Dual-panel Rich TUI for inspecting SGLang's OpenAI-compatible streaming API in real time. The top half renders the AI response as it arrives, while the bottom half displays the raw JSON SSE stream chunks — showing fields like `chat_completion_chunk`, `choices`, `delta`, `finish_reason`, and `model`. Useful for debugging streaming behaviour, verifying token delivery, and understanding the wire format of the API.

### `sglang-raw` — Think/text token classification

![sglang-raw: token table with think/text classification](https://raw.githubusercontent.com/vroomfondel/dgxarley/main/media/Bildschirmfoto_2026-03-18_17-35-04_blurred.png)

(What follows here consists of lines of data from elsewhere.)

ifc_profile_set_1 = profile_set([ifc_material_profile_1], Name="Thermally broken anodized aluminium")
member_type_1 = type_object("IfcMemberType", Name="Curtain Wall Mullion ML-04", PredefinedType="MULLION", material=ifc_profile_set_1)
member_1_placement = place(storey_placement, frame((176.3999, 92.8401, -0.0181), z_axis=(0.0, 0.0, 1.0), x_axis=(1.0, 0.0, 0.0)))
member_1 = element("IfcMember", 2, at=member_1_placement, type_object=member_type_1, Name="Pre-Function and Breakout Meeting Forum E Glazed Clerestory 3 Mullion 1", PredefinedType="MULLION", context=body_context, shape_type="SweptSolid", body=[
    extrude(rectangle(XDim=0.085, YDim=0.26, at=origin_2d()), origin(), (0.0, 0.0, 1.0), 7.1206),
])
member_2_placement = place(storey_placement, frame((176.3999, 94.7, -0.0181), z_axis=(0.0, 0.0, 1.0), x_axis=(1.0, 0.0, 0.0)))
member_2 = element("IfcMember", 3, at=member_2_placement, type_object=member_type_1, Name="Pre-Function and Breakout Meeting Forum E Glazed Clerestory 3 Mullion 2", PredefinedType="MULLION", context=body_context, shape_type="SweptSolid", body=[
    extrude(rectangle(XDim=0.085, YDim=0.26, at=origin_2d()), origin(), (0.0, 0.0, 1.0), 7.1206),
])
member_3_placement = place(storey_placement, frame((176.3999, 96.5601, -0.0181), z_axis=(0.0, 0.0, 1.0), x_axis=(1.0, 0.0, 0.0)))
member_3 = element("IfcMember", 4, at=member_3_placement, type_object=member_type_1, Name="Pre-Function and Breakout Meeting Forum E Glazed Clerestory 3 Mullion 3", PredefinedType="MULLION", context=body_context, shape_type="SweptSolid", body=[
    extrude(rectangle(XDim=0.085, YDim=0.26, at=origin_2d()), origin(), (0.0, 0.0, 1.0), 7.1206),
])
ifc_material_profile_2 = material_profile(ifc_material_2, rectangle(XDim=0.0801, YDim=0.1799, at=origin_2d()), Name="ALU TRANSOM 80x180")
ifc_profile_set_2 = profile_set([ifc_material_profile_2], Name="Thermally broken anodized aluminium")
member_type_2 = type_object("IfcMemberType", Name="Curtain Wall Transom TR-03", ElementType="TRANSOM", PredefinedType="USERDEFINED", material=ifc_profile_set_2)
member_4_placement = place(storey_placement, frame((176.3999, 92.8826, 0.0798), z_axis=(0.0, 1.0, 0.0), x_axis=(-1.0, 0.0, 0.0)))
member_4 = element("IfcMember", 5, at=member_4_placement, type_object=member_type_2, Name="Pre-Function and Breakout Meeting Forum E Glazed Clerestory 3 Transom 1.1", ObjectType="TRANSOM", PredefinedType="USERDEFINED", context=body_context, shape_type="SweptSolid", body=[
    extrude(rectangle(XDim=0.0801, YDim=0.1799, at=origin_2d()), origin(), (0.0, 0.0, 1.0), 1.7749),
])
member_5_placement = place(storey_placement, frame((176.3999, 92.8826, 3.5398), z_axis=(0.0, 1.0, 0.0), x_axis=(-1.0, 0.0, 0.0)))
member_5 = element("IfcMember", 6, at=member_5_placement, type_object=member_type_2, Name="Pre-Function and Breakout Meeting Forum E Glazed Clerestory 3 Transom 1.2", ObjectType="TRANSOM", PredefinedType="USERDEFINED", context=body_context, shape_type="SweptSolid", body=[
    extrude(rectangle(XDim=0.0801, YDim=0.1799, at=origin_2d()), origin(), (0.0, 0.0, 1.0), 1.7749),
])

Token-level stream inspection with per-chunk breakdown in a structured table. Columns show the token type (`think` vs `text`), content, finish reason, and cumulative token count — visualizing how reasoning tokens (from `<think>...</think>` blocks) are separated from the actual output tokens. This view helps when tuning thinking budgets, verifying `reasoning_parser` behaviour, or diagnosing unexpected token classification.

## What's included

### CLI tools

| Command | Description |
|---------|-------------|
| `sglang-raw` | Interactive SSE stream viewer with dual-panel Rich display (interpreted output + raw JSON chunks) |
| `sglang-test` | Direct SGLang client with sequential and parallel load testing (live Rich TUI) |
| `openwebui-test` | OpenWebUI / LLM client with preset management and streaming |
| `ollama-test` | Ollama API health, model, embedding, and chat completions tests |

### Libraries

| Module | Description |
|--------|-------------|
| `dgxarley.integration.repetition_detector` | Offline n-gram, sentence, and loop repetition analysis for completed LLM outputs |
| `dgxarley.integration.streaming_repetition_guard` | Real-time repetition detection for token streams with configurable thresholds |

## Installation

```bash
pip install dgxarley
```

## Quick start

```python
from dgxarley.integration.repetition_detector import detect_repetition

report = detect_repetition(llm_output)
print(report.summary())
# [LOW] score=0.12 — N-Gram 'this is a test' x2
```

```python
from dgxarley.integration.streaming_repetition_guard import RepetitionGuard

guard = RepetitionGuard()
for chunk in llm_stream:
    token = chunk.choices[0].delta.content or ""
    result = guard.feed(token)
    if result.should_stop:
        print(f"STOP: {result.reason}")
        break
```

## Requirements

- Python >= 3.14

## Source & documentation

Full documentation, network architecture, and Ansible playbooks: [GitHub](https://github.com/vroomfondel/dgxarley)

## License
This project is licensed under the LGPL where applicable/possible — see [LICENSE.md](https://github.com/vroomfondel/dgxarley/blob/main/LICENSE.md). Some files/parts may use other licenses: [MIT](https://github.com/vroomfondel/dgxarley/blob/main/LICENSEMIT.md) | [GPL](https://github.com/vroomfondel/dgxarley/blob/main/LICENSEGPL.md) | [LGPL](https://github.com/vroomfondel/dgxarley/blob/main/LICENSELGPL.md). Always check per‑file headers/comments.


## Authors
- Repo owner (primary author)
- Additional attributions are noted inline in code comments


## Acknowledgments
- Inspirations and snippets are referenced in code comments where appropriate.


## ⚠️ Note

This is a development/experimental project. For production use, review security settings, customize configurations, and test thoroughly in your environment. Provided "as is" without warranty of any kind, express or implied, including but not limited to the warranties of merchantability, fitness for a particular purpose and noninfringement. In no event shall the authors or copyright holders be liable for any claim, damages or other liability, whether in an action of contract, tort or otherwise, arising from, out of or in connection with the software or the use or other dealings in the software. Use at your own risk.